The plant, with up to four combined-cycle gas turbine units, each of about 500 MW, and four open cycle gas turbine units, brings new capacity consented by DECC since May 2010 to 5456 MW.
McKinsey report calls for more gas, less wind
Europe could save €900bn ($1.2bn) and still hit its 2050 carbon reduction targets if it built fewer wind farms and more gas plants, a coalition of gas producers has told the European Commission.
The report, carried out by consultancy McKinsey for the European Gas Advocacy Forum, describes gas as a clean, plentiful and relatively cheap form of energy.
An authoritative study has estimated that the EU’s legally binding target of reducing carbon emissions by 80 per cent against 1990 levels by 2050 would require 60 per cent of energy to come from renewable sources.
But the McKinsey analysis suggests the same carbon emissions reductions could be achieved with far less renewable generation – significantly less than half the total energy mix. It argues that emissions could be cut by using less coal fired generation, which is twice as carbon intensive as gas, and three times as much gas generation.
Switzerland and Germany get nuclear jitters
In response to a series of explosions at Japan’s Fukushima plant, Germany has temporarily shut nuclear plants that predate 1980 while Switzerland has put approvals for three new plants on hold.
Seven German nuclear plants will close at least until June, leaving only ten in operation. Chancellor Merkel’s decision reverses a recent decision to extend the life of German nuclear plants beyond their scheduled phase out. Switzerland has ordered extra safety checks at its five nuclear plants and suspended the approval process for three new plants.
ABB wins $180m order for Norway– Denmark link
ABB has won a $180m order from Statnett of Norway and Energinet.dk of Denmark for an HVDC Light converter solution for connecting the Norwegian and Danish power grids.
The 500kV link is a new record in transmission voltage using this technology, says the Swiss-Swedish firm. The underwater link will boost transmission capacity between the mainly hydropower-based Norwegian system and the wind and thermal power-based Danish system.
Belarus: Minsk has asked Russia for a government loan of $9bn for a period of 25 years for the construction of a 2400 MW nuclear plant in the Hrodna region near the Lithuanian border.
Czech Republic: Installed output of new photovoltaic plants was the third highest in the EU and topped 1 GW in 2010, behind only Italy and Germany, according to state media.
Finland: Another milestone has been passed in the construction of the first EPR nuclear reactor at Olkiluoto 3, with the installation of all four of the plant’s steam generators.
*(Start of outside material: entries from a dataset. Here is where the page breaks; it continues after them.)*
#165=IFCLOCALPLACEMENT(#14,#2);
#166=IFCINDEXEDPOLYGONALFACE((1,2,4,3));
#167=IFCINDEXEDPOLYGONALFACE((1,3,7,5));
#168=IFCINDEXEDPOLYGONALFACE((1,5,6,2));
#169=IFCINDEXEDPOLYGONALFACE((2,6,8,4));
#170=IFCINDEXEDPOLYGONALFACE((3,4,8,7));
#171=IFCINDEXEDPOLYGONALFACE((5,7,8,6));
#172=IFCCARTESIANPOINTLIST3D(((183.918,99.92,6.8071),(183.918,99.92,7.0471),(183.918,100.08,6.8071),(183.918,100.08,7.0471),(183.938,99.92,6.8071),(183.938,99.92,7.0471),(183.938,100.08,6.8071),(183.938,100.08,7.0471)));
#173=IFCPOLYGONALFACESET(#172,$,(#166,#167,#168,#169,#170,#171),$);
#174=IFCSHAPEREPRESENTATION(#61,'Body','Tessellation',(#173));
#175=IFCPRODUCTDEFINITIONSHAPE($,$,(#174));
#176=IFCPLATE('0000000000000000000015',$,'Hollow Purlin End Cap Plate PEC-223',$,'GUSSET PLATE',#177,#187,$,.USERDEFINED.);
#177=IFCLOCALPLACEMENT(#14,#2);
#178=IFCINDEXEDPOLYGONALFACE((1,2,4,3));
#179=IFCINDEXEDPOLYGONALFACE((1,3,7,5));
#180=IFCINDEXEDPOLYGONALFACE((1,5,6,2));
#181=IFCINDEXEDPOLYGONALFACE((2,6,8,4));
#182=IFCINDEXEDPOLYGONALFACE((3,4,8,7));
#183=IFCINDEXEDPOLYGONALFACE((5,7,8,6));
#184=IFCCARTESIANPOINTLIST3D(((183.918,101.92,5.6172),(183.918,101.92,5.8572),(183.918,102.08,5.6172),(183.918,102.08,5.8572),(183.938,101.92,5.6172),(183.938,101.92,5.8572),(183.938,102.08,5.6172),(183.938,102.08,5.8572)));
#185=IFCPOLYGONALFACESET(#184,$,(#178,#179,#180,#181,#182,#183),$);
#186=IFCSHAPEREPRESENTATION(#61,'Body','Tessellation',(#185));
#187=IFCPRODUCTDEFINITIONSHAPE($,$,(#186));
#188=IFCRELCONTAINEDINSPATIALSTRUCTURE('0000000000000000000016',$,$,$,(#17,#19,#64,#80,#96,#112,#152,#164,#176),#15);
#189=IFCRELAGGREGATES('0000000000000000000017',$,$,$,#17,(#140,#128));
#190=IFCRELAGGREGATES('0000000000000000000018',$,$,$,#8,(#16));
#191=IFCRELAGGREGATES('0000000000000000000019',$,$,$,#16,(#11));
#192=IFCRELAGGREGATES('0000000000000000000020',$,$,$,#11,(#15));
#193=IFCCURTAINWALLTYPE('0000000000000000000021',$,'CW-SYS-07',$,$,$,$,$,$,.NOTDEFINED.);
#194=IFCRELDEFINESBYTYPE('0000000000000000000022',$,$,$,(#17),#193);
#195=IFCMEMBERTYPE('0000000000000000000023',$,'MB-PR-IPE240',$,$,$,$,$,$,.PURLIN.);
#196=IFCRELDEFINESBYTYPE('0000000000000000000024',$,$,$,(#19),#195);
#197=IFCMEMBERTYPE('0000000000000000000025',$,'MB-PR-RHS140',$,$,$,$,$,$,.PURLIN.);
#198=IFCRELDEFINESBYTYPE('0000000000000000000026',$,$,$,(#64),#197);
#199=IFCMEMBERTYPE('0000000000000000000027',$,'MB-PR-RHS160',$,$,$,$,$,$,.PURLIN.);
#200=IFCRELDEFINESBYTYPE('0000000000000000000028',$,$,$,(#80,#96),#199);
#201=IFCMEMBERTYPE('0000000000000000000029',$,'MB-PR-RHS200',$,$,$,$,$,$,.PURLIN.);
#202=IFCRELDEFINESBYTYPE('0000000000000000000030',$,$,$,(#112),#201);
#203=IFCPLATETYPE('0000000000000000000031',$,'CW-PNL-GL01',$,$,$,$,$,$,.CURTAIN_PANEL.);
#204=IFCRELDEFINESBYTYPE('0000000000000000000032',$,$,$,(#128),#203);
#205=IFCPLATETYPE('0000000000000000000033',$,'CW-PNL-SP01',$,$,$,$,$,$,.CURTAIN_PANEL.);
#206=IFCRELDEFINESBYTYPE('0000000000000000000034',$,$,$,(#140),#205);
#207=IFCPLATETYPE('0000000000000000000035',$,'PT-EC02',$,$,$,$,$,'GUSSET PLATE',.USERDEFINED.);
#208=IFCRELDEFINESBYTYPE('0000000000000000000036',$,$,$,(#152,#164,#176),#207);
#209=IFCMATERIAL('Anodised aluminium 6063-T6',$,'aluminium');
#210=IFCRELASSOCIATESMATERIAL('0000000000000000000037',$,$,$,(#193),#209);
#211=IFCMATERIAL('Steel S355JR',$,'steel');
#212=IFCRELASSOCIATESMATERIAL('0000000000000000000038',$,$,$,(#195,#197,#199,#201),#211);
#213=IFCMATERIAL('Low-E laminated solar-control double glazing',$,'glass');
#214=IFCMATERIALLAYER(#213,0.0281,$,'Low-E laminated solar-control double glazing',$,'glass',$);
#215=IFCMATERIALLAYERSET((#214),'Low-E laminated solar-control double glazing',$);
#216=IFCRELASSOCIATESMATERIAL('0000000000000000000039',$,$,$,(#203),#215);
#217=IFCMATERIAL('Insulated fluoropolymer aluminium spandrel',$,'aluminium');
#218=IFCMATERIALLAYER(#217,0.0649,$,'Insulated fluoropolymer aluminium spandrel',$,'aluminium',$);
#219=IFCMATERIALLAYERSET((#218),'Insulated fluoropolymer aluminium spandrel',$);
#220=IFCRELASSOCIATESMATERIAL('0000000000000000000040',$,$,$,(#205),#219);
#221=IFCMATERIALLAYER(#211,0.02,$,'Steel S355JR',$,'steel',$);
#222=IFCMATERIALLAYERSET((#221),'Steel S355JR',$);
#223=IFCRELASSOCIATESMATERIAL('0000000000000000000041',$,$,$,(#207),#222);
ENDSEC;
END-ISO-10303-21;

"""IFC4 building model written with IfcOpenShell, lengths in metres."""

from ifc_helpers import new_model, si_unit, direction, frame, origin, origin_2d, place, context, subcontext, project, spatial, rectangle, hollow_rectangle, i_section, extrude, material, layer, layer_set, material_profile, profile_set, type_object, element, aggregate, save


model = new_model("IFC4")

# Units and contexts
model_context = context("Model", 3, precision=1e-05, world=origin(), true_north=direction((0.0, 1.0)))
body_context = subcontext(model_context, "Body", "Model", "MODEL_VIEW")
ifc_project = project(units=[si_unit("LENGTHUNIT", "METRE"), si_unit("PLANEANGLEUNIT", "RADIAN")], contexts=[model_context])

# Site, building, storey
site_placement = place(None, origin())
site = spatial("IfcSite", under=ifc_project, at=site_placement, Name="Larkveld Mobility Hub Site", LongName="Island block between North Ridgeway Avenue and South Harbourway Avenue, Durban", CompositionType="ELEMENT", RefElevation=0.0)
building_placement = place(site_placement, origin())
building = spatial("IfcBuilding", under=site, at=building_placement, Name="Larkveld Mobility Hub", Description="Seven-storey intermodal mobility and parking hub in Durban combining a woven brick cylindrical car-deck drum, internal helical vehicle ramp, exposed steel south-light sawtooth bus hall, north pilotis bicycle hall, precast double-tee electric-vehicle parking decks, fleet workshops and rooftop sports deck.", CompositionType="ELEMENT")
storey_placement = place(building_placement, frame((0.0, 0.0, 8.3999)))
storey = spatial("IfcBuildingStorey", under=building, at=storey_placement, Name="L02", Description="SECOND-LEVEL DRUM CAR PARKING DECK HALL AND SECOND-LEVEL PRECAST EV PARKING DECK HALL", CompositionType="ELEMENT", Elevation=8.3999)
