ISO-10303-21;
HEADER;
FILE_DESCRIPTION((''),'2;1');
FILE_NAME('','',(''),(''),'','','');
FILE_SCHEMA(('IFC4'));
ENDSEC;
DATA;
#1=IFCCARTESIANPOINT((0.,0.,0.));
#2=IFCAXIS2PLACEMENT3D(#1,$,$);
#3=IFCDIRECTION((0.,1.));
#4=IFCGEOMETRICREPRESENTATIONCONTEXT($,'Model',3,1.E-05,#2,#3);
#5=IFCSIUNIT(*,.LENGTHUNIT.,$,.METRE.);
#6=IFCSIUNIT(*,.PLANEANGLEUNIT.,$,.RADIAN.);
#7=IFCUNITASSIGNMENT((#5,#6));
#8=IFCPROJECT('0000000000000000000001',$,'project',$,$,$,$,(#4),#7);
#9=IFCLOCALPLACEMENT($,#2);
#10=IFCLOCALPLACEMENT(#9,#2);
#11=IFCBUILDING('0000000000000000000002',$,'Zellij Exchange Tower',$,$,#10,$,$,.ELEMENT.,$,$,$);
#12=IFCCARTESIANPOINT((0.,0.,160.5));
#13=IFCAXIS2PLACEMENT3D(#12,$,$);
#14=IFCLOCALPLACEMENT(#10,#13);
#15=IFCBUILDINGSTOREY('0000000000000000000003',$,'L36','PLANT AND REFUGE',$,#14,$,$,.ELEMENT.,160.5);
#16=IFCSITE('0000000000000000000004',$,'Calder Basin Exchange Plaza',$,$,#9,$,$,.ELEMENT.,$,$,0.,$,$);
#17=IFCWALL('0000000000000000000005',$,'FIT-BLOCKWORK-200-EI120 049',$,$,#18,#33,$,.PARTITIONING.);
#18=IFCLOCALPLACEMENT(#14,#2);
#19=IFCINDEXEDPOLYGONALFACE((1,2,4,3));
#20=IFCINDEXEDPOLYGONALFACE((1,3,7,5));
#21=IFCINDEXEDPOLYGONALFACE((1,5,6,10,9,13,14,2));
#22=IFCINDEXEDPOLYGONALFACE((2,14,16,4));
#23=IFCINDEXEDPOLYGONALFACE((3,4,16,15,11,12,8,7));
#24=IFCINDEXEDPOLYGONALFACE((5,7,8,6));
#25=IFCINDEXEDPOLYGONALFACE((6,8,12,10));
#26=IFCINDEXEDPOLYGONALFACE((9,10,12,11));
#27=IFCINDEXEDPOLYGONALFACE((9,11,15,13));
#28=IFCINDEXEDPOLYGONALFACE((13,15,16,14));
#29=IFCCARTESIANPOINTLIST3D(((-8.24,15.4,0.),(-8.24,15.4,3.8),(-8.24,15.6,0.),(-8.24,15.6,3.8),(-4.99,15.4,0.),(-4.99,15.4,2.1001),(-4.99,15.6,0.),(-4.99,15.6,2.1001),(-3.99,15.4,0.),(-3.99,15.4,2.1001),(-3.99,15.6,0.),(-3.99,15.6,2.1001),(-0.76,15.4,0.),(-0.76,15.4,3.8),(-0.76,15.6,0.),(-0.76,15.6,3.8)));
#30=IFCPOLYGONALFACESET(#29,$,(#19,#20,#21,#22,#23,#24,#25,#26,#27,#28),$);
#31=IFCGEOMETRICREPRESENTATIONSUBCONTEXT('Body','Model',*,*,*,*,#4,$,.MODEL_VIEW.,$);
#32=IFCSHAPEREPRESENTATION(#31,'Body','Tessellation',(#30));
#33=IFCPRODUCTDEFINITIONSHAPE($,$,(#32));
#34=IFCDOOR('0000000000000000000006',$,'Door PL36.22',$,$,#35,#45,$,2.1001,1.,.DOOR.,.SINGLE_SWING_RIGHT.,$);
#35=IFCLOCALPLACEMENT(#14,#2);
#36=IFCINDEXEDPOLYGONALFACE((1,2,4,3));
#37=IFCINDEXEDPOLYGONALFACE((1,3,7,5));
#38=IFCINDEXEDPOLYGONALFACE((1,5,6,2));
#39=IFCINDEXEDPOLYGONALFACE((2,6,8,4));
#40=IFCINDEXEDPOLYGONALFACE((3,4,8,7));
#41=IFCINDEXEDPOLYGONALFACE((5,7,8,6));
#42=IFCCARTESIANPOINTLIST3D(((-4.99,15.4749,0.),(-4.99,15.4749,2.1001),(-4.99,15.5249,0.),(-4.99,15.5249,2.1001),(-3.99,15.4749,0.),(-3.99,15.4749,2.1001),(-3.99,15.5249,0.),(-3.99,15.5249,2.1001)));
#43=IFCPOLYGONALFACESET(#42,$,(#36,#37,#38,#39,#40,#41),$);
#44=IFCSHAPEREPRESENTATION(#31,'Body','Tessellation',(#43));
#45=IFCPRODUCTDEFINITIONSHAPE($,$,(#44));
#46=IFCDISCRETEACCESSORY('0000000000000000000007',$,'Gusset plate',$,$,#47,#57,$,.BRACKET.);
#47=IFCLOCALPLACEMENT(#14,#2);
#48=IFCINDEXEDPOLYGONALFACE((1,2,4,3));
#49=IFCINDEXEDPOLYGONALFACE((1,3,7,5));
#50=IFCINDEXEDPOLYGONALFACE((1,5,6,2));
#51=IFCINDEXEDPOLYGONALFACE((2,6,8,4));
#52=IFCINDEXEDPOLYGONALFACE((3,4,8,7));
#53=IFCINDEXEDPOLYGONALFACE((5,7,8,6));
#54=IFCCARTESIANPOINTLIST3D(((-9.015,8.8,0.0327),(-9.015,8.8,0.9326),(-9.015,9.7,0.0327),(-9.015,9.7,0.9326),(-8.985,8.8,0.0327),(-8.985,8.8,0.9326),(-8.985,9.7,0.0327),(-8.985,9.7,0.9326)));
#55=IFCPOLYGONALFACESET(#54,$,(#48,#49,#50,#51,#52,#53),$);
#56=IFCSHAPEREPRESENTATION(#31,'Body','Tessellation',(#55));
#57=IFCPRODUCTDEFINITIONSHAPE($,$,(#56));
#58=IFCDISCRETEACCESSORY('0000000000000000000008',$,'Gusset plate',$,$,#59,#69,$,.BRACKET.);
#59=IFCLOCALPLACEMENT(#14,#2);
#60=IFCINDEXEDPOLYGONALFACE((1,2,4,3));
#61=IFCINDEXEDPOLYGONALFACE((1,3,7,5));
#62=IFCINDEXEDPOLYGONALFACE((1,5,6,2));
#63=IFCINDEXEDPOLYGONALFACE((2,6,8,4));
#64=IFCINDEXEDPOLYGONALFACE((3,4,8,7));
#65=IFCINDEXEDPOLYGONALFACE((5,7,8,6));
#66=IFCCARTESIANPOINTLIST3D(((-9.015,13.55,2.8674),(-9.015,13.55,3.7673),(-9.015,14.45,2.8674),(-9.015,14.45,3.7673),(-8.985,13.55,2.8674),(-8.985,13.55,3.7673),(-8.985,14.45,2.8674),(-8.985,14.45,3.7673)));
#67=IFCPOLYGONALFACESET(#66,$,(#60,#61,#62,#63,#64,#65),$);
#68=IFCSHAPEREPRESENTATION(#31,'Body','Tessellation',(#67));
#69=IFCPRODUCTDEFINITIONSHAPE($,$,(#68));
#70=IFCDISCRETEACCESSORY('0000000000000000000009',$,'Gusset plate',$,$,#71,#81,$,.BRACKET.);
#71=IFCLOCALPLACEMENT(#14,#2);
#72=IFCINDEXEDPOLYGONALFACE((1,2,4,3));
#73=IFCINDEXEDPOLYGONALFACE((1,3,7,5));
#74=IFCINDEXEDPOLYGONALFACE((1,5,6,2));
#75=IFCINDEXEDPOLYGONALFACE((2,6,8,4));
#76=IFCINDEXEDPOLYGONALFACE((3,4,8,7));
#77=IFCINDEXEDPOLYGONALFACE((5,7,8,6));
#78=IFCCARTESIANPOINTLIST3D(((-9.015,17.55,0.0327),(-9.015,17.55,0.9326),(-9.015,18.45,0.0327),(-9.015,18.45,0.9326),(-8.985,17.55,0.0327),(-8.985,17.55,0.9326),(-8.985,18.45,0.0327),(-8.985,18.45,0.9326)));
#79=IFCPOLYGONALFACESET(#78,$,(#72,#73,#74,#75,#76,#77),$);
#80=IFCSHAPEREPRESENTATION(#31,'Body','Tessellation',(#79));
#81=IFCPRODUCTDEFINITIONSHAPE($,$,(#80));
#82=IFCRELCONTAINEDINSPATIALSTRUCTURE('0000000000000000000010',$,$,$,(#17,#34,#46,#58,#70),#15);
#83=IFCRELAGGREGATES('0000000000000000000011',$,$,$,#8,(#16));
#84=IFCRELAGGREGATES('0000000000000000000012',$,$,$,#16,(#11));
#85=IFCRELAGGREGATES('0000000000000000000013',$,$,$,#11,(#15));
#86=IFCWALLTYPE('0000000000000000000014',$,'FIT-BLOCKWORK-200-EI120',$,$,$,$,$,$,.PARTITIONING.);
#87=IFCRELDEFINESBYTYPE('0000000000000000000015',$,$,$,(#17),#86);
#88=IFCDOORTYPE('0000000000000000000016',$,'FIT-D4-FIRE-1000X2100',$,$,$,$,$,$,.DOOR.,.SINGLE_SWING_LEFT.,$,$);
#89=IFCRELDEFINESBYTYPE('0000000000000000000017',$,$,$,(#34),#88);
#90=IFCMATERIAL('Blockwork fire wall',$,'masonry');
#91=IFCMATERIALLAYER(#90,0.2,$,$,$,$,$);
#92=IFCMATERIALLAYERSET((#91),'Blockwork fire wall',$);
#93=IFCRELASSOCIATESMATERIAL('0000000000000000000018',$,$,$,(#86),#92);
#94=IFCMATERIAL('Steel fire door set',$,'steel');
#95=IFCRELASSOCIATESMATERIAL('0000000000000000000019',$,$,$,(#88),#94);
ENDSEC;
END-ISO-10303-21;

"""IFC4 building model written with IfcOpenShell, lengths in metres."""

from ifc_helpers import new_model, si_unit, direction, frame, frame_2d, origin, origin_2d, place, context, subcontext, project, spatial, rectangle, extrude, material, layer, layer_set, type_object, element, fill, save


model = new_model("IFC4")

# Units and contexts
model_context = context("Model", 3, precision=1e-05, world=origin(), true_north=direction((0.0, 1.0)))
body_context = subcontext(model_context, "Body", "Model", "MODEL_VIEW")
ifc_project = project(units=[si_unit("LENGTHUNIT", "METRE"), si_unit("PLANEANGLEUNIT", "RADIAN")], contexts=[model_context])

# Site, building, storey
site_placement = place(None, origin())
site = spatial("IfcSite", under=ifc_project, at=site_placement, Name="Calder Basin Exchange Plaza", CompositionType="ELEMENT", RefElevation=0.0)
building_placement = place(site_placement, origin())
building = spatial("IfcBuilding", under=site, at=building_placement, Name="Zellij Exchange Tower", CompositionType="ELEMENT")
storey_placement = place(building_placement, frame((0.0, 0.0, 160.5)))
storey = spatial("IfcBuildingStorey", under=building, at=storey_placement, Name="L36", Description="PLANT AND REFUGE", CompositionType="ELEMENT", Elevation=160.5)

# Wall, opening, door
ifc_material_1 = material(Name="Blockwork fire wall", Category="masonry")
ifc_layer = layer(ifc_material_1, 0.2)
ifc_layer_set = layer_set([ifc_layer], Name="Blockwork fire wall")
wall_type = type_object("IfcWallType", Name="FIT-BLOCKWORK-200-EI120", PredefinedType="PARTITIONING", material=ifc_layer_set)
wall_placement = place(storey_placement, frame((-8.24, 15.5, 0.0), z_axis=(0.0, 0.0, 1.0), x_axis=(1.0, 0.0, 0.0)))
wall = element("IfcWall", 1, at=wall_placement, inside=storey, type_object=wall_type, Name="FIT-BLOCKWORK-200-EI120 049", PredefinedType="PARTITIONING", context=body_context, shape_type="SweptSolid", body=[
    extrude(rectangle(XDim=7.48, YDim=0.2, at=frame_2d((3.74, 0.0))), origin(), (0.0, 0.0, 1.0), 3.8),
])
opening_placement = place(wall_placement, frame((3.25, 0.0, 0.0)))
opening = element("IfcOpeningElement", 2, at=opening_placement, cuts=wall, PredefinedType="OPENING", context=body_context, shape_type="SweptSolid", body=[
    extrude(rectangle(XDim=1.0, YDim=2.1001, at=frame_2d((0.5, 1.05))), frame((0.0, 0.1118, 0.0), z_axis=(0.0, -1.0, 0.0), x_axis=(1.0, 0.0, 0.0)), (0.0, 0.0, 1.0), 0.2239),
])
ifc_material_2 = material(Name="Steel fire door set", Category="steel")
door_type = type_object("IfcDoorType", Name="FIT-D4-FIRE-1000X2100", OperationType="SINGLE_SWING_LEFT", PredefinedType="DOOR", material=ifc_material_2)
door_placement = place(opening_placement, origin())
door = element("IfcDoor", 3, at=door_placement, inside=storey, type_object=door_type, Name="Door PL36.22", OperationType="SINGLE_SWING_RIGHT", OverallHeight=2.1001, OverallWidth=1.0, PredefinedType="DOOR", context=body_context, shape_type="SweptSolid", body=[
    extrude(rectangle(XDim=1.0, YDim=2.1001, at=frame_2d((0.5, 1.05))), frame((0.0, 0.0249, 0.0), z_axis=(0.0, -1.0, 0.0), x_axis=(1.0, 0.0, 0.0)), (0.0, 0.0, 1.0), 0.05),
])
fill(opening, door)

# Discrete accessories
for number, where, z_axis, x_axis, name in (
    (4, (-9.0, 9.25, 0.0327), (0.0, 0.0, 1.0), (0.0, 1.0, 0.0), "Gusset plate"),
    (5, (-9.0, 14.0, 2.8674), (0.0, 0.0, 1.0), (0.0, 1.0, 0.0), "Gusset plate"),
    (6, (-9.0, 18.0, 0.0327), (0.0, 0.0, 1.0), (0.0, 1.0, 0.0), "Gusset plate"),
):
    element("IfcDiscreteAccessory", number, at=place(storey_placement, frame(where, z_axis=z_axis, x_axis=x_axis)), inside=storey, Name=name, PredefinedType="BRACKET", context=body_context, shape_type="SweptSolid", body=[
        extrude(rectangle(XDim=0.8999, YDim=0.03, at=origin_2d()), origin(), (0.0, 0.0, 1.0), 0.8999),
    ])

save(model, "model.ifc")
Olkiluoto 3 is expected to start up towards the end of 2012, with grid connection in 2013.
France: Paris has called upon state-owned nuclear firms Areva and EDF to concentrate on developing the mid-sized 1100 MW Atmea nuclear reactor to expand export offerings. Areva is developing the Atmea reactor with its Japanese partner Mitsubishi Heavy Industries.
Germany: Siemens is to supply up to 89 wind turbines for Danish utility DONG Energy for the 320 MW Borkum Riffgrund 1 offshore wind farm in the North Sea about 80 km northwest of Emden and 55 km off the German coast.
Italy: The country will install 5 GW of solar photovoltaic (PV) capacity in 2011, according to industry body GIFI. Total installed PV capacity is seen rising to 15 GW by 2015 from about 3 GW at the end of 2010.
Portugal: Danish wind turbine maker Vestas has signed an agreement with WindPlus for the first offshore project integrating a V80-2.0MW wind turbine with a full-scale semi-submersible floating structure.
UK: Rolls-Royce is to supply key components to the first EPR reactors to be built in Britain by France’s EDF and partner utility Centrica, under an agreement signed with Areva.
UK: E.ON has been granted permission by the Department of Energy and Climate Change to construct a 230 MW wind farm off the coast of Humberside.